I started to source everything from a particular haunt vendor, but the price delta between them versus me collecting stuff on ebay didn't add up (e.g. what I'd spend on parts for 1 prop I could buy enough on ebay to do 3 props).

If you're new to pneumatics I'd seriously consider sourcing everything from a single vendor until you can get your arms wrapped around the process. The time you'll save from trying to otherwise put a peg in a square hole will be worth it.


----------



## halstaff (Nov 18, 2009)

Welcome to the madness!!!
Make sure to check out the links in the sticky thread I have at the top of the pneumatics section. Lots of great info there to help ease the learning curve.


----------



## Hippofeet (Nov 26, 2012)

I'm a vendor, or at least I work for one. So I hope I don't get in trouble here. Mods, if I cross a line here, just delete the post, and do what you have to do to my account.

We, as vendors, have some overhead costs an ebay vendor, who is much more specialized, may not.

Having said that, most Halloween supply vendors aren't really brick and mortar places anymore. If you don't have on call support, for current and future customers, what the heck do you have? I will go right ahead and say that I fix, locally, Spirit of Halloween items. If you buy something from them, and call them, are you going to talk to the guy that designed, prototyped, and and built the very one you have on your porch? No way. So its disposable, unless you are lucky and live in the same town as a prop-building vendor. And then, you have to hope they are willing to do it, because there isn't any money in repairing the stuff.

I'm 40, when I was, like, 8, I lived in a town of 800. There were three sisters in their 80's, they all lived in a creepy stone house, and would do this witch thing where they all dressed up and made actual caramel apples in a big cast iron cauldron in the back yard. Thank God for them, because if it weren't for them, my Halloween as a kid would have straight up sucked. Everyone else just handed some candy out of a pumpkin shaped bucket. They made the holiday for my whole generation in that town. They did it to the nines, too, acting like witches, cackling, lol, all of it. Imagine them trying to get into pneumatics! No freakin way.

So posts like this bother me. Call. Your vendor should be able to make it easy, and having one is good advice, but it should be fun. The whole thing should be fun. That's the whole point, business aside. I shouldn't, God knows, but I have a depth of feeling over this. Somewhere there are some old ladies who would LOVE to put on a better holiday, and they don't know to just call me and I will make it happen, if it is at all feasible. I loved those old ladies. Never saw them outside of the holidays.

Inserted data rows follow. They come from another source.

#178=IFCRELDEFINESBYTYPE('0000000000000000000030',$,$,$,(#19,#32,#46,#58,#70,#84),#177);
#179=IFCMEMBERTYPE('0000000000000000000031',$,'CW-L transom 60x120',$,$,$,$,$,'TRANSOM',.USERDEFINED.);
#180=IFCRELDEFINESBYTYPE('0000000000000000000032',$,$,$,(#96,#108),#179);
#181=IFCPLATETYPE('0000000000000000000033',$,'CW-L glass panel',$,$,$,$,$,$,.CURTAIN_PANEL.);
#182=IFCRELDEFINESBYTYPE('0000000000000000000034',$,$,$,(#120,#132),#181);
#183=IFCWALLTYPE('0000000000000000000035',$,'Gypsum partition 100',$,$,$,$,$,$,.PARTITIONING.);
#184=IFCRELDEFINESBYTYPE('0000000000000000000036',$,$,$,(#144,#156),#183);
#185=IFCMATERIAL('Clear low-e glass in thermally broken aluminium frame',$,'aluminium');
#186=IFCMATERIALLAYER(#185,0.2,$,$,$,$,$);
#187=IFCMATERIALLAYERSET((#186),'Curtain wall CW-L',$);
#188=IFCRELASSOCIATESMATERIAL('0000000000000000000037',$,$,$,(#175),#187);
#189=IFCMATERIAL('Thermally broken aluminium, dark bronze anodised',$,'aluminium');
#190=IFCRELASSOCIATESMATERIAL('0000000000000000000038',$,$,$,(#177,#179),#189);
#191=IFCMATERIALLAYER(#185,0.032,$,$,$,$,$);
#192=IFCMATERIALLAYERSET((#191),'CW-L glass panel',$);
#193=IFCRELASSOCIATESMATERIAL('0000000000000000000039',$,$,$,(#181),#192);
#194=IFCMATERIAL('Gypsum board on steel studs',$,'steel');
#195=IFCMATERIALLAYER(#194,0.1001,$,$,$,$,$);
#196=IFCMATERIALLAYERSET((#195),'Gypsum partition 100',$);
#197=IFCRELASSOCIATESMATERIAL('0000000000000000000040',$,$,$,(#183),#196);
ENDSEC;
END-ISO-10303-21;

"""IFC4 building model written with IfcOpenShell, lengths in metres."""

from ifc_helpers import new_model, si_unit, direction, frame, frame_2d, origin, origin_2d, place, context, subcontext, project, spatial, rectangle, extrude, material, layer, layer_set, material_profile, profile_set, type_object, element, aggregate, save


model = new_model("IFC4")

I feel like this may be a bad post, but I'm going to stand by Halloween being fun, and for the kids. Spending money to make fun for kids shouldn't have to mean taking on a big load of suck, and man, when I look at ALL of what is out there, holy cow, that is a lot for anyone to learn.


----------



## EvilEye (Nov 14, 2012)

No worries Hippofeet cause at the end of the day I'm driven by knowing how much fun the night will be once all of this stuff is done.

I probably should've clarified in that I did go through all of the stickies and trolled various posts in this forum to get up to speed. So functionally I think I had it down in terms of the verbiage and what I wanted hardware-wise. 

But going from theory to bolting it all together is where I got myself jammed up by getting various items from Ebay from different vendors. And of course none of those sellers specified the thread type (probably wouldn't know the difference anyhow).

It's all good though in that I've got what I need and just finished the build of a mechanical pop-up. That was another good example of seeing pics and having the theory but actually building something and putting the dimensions to work is another thing.

I mainly wanted to get some feedback out there for someone who may just be starting out on their first build in that it makes a lot more sense to source everything (cylinder, solenoid, fittings) from one vendor even if it's at a greater cost.


----------



## davensj (Nov 21, 2012)

Hi EvilEye! Yeah it's a learning experience for sure. A few months ago I was terrified of using pneumatics. Not knowing what was what, and what fits where into where, LOL. I had a lot of help from friends and a haunt vendor, and I'm still learning. Getting your items from one knowledgable and helpful source is the right direction. Once you have a general understanding of this, bringing your imagination to reality is a great feeling. 
The great thing is you're driven to make it fun, and that's what halloween is about, IMO. Another good thing is there are people on the boards who can help with questions you might have. Just ask.


----------